The Gestapo, as the political police, detained suspects without trial. Courts introduced mandatory castration for certain offenders in 1933, though initially requiring consent. Men convicted under Paragraph 175 could secure early release by volunteering for castration, as did Friedrich-Paul von Groszheim, arrested in 1934.

Escalation of Persecution (1934–1936)
Three pivotal events intensified the campaign:
Röhm Purge (June–July 1934): The murder of Ernst Röhm and SA leaders during the Night of the Long Knives was partly justified by Nazi propaganda citing Röhm’s homosexuality, framing it as moral corruption.
Paragraph 175 Revision (June 1935): The law was expanded to criminalize a broader range of homosexual acts, lowering the evidence threshold and increasing penalties.
Reich Central Office (1936): Himmler established the Reich Central Office for the Combating of Homosexuality and Abortion, centralizing efforts to suppress both as threats to population growth.
By 1935–1936, police raids on gay meeting places intensified, driven by denunciations from neighbors, colleagues, or family. Scholar Robert Moeller notes the regime’s use of fear to isolate gay men.
Concentration Camps and Pink Triangles
Gay men convicted under Paragraph 175 were sent to camps like Dachau, Sachsenhausen, and Buchenwald, marked by pink triangles to identify them. Approximately 5,000–15,000 were imprisoned, facing brutal treatment. Survivor accounts, such as Josef Kohout’s, arrested in March 1939 after his Christmas card to a lover was intercepted, describe sadistic abuse by SS guards, including beatings and murders during “games.”
From November 1942, camp commandants could order forced castrations for pink triangle prisoners, often without consent. Kohout, aged 24 at arrest, endured such conditions. Scholars estimate 100,000 arrests under Paragraph 175, with over 53,000 convictions, reflecting the campaign’s scale.
Post-War Legacy and Challenges

After Germany’s surrender in May 1945, many gay survivors faced continued stigma. Paragraph 175 remained in effect in West Germany until 1969, and convictions were not overturned until the 1990s. Victims like Kohout received no reparations until late reforms, with formal apologies issued by Germany in 2002.
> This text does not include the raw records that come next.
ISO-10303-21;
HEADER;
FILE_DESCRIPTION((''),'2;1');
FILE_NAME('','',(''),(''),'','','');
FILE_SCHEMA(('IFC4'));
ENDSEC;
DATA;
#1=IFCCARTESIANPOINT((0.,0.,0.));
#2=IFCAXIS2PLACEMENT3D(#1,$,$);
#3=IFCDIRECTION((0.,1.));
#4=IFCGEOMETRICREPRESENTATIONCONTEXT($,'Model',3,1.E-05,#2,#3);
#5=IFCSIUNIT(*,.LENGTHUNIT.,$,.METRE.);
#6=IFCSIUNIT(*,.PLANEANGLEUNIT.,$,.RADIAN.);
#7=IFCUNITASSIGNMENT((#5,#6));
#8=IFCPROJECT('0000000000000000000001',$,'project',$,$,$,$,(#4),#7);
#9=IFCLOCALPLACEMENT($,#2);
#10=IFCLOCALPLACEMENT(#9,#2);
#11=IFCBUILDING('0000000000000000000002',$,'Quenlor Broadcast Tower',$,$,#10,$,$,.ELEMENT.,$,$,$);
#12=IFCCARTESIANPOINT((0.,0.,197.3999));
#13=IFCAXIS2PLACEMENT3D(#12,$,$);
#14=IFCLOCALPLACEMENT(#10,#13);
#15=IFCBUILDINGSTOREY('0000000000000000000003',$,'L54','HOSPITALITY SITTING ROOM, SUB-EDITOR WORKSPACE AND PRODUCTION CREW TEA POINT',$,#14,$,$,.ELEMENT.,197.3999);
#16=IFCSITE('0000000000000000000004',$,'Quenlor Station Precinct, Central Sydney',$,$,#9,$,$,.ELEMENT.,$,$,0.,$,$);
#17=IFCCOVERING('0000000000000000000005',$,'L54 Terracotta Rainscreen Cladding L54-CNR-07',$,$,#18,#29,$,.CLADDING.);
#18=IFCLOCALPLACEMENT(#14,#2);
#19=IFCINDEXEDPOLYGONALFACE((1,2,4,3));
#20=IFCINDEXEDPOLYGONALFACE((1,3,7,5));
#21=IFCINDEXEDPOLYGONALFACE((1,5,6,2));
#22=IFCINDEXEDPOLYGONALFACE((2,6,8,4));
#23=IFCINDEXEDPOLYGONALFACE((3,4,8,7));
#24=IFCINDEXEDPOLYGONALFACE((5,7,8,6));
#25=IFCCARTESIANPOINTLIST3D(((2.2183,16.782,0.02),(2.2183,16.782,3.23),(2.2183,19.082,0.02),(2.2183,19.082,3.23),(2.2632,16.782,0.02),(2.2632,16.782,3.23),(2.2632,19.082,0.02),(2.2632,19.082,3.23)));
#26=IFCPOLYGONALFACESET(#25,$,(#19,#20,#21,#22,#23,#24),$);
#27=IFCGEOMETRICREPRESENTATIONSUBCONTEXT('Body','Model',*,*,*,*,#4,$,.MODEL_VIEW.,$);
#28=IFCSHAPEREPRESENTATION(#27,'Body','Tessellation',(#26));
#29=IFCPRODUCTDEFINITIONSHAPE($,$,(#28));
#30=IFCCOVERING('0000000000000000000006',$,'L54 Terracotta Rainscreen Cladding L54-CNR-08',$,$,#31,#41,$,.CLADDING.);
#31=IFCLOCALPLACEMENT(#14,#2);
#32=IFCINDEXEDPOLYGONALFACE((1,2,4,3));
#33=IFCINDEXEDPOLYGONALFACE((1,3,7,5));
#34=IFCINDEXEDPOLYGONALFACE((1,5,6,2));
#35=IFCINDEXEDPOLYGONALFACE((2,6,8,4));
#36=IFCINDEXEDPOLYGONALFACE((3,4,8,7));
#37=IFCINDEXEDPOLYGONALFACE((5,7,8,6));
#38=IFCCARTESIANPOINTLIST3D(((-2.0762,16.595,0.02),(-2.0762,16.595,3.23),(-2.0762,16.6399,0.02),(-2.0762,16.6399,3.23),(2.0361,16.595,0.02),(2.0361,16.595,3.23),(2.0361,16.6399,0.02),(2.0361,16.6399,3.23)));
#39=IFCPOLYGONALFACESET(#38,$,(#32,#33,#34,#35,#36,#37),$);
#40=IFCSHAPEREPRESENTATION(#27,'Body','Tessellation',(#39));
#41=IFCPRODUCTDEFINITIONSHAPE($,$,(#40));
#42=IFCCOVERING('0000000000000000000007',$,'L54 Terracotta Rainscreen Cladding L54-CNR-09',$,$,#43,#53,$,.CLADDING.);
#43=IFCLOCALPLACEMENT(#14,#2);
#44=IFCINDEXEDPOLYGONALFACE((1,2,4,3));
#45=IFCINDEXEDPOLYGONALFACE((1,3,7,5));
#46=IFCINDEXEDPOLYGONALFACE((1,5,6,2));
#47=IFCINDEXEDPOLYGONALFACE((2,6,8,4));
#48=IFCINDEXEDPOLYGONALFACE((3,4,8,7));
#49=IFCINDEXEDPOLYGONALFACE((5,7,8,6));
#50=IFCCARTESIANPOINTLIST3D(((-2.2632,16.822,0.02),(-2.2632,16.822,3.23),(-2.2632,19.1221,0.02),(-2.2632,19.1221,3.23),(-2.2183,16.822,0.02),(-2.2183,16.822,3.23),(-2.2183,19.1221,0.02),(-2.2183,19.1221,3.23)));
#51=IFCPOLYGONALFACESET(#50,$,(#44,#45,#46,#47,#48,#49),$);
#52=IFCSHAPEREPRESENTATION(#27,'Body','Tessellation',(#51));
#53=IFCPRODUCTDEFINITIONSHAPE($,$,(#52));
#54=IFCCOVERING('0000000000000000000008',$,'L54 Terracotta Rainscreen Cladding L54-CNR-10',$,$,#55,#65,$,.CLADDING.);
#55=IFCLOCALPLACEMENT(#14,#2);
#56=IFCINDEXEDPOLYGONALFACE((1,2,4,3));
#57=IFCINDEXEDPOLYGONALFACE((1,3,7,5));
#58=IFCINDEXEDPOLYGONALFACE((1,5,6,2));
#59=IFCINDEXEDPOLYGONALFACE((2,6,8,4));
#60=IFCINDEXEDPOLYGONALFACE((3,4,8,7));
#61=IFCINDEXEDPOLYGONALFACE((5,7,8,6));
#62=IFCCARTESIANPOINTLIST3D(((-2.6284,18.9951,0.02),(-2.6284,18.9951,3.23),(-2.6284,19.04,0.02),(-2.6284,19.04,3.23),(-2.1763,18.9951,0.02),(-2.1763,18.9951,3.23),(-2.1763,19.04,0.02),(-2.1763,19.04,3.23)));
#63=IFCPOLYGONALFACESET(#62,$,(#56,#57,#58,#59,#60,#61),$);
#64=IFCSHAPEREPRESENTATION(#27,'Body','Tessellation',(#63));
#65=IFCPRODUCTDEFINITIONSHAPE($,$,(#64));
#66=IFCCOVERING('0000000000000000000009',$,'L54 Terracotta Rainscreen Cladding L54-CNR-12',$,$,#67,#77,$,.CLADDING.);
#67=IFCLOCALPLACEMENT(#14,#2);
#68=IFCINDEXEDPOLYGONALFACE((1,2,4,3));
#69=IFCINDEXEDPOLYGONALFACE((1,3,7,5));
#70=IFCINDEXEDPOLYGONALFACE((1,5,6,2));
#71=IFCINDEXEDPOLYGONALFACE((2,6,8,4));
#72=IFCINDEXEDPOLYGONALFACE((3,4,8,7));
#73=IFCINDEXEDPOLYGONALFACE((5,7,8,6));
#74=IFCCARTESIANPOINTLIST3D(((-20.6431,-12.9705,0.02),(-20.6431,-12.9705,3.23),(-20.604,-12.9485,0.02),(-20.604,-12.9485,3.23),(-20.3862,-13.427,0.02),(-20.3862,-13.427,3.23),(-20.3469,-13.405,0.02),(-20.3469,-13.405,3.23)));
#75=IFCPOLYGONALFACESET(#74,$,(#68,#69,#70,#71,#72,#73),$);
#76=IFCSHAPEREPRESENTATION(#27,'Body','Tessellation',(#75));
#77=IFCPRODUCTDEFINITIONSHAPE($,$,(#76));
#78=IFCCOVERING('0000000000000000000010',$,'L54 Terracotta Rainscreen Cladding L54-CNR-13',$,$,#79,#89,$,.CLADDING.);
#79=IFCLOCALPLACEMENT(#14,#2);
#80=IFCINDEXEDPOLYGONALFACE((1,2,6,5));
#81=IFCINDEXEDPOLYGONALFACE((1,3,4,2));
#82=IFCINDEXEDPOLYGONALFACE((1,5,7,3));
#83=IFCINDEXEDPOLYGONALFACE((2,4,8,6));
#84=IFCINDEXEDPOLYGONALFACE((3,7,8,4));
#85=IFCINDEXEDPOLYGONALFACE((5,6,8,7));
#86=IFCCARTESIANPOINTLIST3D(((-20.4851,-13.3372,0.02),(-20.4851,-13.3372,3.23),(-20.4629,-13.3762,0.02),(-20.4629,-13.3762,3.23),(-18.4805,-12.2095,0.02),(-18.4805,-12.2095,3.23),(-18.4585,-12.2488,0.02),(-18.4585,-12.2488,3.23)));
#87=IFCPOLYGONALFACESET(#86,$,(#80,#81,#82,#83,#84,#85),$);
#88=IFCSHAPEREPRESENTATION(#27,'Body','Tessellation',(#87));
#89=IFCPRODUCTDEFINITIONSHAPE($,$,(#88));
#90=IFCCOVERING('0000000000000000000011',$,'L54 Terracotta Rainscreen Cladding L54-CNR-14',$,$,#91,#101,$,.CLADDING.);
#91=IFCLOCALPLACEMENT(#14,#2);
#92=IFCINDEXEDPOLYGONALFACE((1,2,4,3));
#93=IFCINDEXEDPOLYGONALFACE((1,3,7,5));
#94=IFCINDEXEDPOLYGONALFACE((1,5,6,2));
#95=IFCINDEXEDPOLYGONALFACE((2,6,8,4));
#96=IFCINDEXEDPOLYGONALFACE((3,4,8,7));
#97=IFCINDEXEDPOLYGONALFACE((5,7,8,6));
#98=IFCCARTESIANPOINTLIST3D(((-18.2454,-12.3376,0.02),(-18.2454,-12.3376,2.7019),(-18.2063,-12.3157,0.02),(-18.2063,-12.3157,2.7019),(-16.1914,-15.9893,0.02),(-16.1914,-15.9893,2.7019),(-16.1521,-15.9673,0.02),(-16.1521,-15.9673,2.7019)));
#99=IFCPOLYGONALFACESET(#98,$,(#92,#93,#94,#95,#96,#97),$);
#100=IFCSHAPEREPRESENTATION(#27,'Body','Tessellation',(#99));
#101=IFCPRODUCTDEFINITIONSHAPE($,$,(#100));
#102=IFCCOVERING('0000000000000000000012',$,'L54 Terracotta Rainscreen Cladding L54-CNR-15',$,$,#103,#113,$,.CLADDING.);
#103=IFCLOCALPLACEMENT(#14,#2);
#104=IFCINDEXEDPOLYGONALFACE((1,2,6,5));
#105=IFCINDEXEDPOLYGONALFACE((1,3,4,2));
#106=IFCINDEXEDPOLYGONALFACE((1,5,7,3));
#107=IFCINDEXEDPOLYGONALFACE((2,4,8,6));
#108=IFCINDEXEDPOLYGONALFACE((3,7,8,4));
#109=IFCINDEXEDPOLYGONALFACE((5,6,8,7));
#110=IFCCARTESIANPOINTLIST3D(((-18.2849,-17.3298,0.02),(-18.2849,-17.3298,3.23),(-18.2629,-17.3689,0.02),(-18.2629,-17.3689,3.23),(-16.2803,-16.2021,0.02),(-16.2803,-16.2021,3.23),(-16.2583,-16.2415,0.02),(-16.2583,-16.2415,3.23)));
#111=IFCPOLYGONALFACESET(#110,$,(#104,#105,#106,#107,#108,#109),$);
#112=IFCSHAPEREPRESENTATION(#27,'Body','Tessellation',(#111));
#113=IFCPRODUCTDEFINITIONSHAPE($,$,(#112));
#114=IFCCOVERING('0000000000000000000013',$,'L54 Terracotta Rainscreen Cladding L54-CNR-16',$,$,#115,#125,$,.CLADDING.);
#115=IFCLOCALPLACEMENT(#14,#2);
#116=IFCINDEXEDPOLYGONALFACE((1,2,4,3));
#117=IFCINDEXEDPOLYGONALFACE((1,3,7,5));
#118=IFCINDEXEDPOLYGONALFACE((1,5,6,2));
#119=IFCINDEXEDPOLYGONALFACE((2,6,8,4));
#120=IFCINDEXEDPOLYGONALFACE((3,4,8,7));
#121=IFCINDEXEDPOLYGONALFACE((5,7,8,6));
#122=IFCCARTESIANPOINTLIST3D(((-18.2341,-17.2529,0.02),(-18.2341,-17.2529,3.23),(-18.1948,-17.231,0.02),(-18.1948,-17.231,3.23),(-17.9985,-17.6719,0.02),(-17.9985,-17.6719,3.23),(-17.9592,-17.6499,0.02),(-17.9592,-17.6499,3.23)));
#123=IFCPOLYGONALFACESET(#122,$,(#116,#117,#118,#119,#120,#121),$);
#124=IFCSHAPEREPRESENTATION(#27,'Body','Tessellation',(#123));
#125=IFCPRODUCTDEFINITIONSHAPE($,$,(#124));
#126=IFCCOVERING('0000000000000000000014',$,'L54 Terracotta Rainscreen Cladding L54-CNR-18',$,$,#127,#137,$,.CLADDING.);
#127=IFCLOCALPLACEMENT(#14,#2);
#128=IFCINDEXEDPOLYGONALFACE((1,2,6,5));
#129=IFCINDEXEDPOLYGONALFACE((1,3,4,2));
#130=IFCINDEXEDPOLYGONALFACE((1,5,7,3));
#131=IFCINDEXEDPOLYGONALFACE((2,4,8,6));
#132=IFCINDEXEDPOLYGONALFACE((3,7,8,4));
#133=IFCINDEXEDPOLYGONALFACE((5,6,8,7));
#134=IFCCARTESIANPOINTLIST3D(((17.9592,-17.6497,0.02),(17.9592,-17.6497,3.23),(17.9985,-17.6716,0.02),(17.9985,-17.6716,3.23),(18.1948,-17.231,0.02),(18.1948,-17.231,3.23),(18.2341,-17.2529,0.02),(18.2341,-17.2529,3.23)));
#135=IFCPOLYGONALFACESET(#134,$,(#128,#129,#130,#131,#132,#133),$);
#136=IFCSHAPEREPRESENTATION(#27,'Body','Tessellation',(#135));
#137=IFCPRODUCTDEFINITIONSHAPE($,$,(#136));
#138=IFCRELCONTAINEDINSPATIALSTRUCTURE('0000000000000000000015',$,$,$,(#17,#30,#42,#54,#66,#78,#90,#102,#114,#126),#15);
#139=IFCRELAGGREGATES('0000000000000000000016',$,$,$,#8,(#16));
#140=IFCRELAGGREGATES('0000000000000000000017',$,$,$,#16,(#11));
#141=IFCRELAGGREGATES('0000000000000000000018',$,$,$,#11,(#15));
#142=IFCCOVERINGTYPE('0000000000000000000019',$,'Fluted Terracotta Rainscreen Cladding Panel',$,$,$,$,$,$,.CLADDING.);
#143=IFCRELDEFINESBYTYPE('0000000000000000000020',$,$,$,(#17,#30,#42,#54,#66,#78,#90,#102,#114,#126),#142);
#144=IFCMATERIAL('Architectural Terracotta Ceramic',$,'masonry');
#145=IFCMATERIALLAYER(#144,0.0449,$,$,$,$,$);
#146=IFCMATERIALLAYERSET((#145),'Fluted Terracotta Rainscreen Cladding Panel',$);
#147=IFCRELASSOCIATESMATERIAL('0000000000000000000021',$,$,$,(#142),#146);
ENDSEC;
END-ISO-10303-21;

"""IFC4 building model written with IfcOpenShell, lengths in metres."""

from ifc_helpers import new_model, si_unit, direction, frame, origin, place, context, subcontext, project, spatial, polyline, outline, extrude, material, layer, layer_set, type_object, element, save


model = new_model("IFC4")

# Units and contexts
model_context = context("Model", 3, precision=1e-05, world=origin(), true_north=direction((0.0, 1.0)))
body_context = subcontext(model_context, "Body", "Model", "MODEL_VIEW")
ifc_project = project(units=[si_unit("LENGTHUNIT", "METRE"), si_unit("PLANEANGLEUNIT", "RADIAN")], contexts=[model_context])

# Site, building, storey
site_placement = place(None, origin())
site = spatial("IfcSite", under=ifc_project, at=site_placement, Name="Quenlor Station Precinct, Central Sydney", CompositionType="ELEMENT", RefElevation=0.0)
building_placement = place(site_placement, origin())
building = spatial("IfcBuilding", under=site, at=building_placement, Name="Quenlor Broadcast Tower", CompositionType="ELEMENT")
storey_placement = place(building_placement, frame((0.0, 0.0, 197.3999)))
storey = spatial("IfcBuildingStorey", under=building, at=storey_placement, Name="L54", Description="HOSPITALITY SITTING ROOM, SUB-EDITOR WORKSPACE AND PRODUCTION CREW TEA POINT", CompositionType="ELEMENT", Elevation=197.3999)

# Coverings
ifc_material_1 = material(Name="Architectural Terracotta Ceramic", Category="masonry")
ifc_layer_1 = layer(ifc_material_1, 0.0449)
ifc_layer_set_1 = layer_set([ifc_layer_1], Name="Fluted Terracotta Rainscreen Cladding Panel")
covering_type_1 = type_object("IfcCoveringType", Name="Fluted Terracotta Rainscreen Cladding Panel", PredefinedType="CLADDING", material=ifc_layer_set_1)
covering_1_placement = place(storey_placement, frame((0.0, 0.0, 0.02)))
element("IfcCovering", 1, at=covering_1_placement, inside=storey, type_object=covering_type_1, Name="L54 Terracotta Rainscreen Cladding L54-CNR-07", PredefinedType="CLADDING", context=body_context, shape_type="SweptSolid", body=[
    extrude(outline(polyline([(2.2183, 19.082), (2.2183, 16.782), (2.2632, 16.782), (2.2632, 19.082), (2.2183, 19.082)])), origin(), (0.0, 0.0, 1.0), 3.21),
])
covering_2_placement = place(storey_placement, frame((0.0, 0.0, 0.02)))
The persecution decimated gay communities, erasing Weimar’s cultural gains. Memorials, such as Berlin’s Monument to Homosexual Victims, and survivor testimonies preserve their stories.
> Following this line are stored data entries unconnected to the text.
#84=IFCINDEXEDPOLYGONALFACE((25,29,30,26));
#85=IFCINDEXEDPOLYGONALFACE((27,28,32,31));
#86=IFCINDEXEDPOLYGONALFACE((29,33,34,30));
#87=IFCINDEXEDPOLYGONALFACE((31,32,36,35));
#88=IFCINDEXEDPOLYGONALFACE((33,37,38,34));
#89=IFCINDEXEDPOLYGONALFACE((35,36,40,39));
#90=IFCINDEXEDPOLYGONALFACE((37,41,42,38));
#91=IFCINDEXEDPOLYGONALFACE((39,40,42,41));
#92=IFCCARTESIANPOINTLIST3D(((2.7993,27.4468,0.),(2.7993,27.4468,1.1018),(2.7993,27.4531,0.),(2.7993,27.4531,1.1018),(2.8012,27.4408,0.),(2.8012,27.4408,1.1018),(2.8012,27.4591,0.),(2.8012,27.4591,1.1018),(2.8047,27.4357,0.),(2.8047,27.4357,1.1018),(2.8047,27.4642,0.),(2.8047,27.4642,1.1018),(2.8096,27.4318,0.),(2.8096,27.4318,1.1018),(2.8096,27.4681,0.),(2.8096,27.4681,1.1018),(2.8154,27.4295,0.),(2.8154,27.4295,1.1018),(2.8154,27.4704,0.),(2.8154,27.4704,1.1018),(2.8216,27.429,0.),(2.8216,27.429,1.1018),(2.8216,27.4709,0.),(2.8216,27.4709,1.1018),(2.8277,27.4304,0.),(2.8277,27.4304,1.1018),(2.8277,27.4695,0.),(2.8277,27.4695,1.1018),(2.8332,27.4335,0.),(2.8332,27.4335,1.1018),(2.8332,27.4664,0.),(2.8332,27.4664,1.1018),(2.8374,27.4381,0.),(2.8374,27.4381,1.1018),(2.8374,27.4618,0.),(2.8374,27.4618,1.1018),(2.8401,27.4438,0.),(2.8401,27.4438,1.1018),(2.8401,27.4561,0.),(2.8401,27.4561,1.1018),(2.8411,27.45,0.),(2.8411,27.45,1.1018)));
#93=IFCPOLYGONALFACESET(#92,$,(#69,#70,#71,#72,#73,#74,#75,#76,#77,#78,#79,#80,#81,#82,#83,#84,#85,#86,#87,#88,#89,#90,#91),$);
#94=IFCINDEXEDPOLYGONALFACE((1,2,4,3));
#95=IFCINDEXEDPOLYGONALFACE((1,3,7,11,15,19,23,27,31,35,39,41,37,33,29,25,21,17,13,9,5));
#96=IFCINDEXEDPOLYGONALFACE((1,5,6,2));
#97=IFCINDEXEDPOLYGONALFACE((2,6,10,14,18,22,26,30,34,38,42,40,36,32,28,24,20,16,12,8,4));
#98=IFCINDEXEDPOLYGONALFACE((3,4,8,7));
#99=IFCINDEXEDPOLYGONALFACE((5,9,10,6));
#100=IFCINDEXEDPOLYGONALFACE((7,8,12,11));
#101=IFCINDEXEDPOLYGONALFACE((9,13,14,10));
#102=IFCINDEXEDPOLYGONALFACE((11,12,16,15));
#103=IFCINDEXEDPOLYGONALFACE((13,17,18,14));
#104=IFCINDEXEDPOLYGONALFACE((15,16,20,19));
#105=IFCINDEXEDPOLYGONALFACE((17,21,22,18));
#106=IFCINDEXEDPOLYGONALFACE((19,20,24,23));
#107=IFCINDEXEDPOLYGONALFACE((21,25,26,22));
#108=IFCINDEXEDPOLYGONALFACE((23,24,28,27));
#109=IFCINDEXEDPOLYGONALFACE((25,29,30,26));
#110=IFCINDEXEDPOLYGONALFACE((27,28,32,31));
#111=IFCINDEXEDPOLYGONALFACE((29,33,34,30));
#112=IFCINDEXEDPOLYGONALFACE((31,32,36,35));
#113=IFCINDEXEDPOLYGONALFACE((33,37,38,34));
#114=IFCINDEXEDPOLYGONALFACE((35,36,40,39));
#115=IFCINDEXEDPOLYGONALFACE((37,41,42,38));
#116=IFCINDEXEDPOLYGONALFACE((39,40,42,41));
The Nazi persecution of gay men under Paragraph 175 was a systematic effort to erase a marginalized group, costing thousands of lives and livelihoods. For history enthusiasts, this history underscores the fragility of human rights and the dangers of discriminatory ideologies. By studying sources like the USHMM, we honor survivors like Josef Kohout and advocate for inclusivity, encouraging dialogue to prevent such atrocities.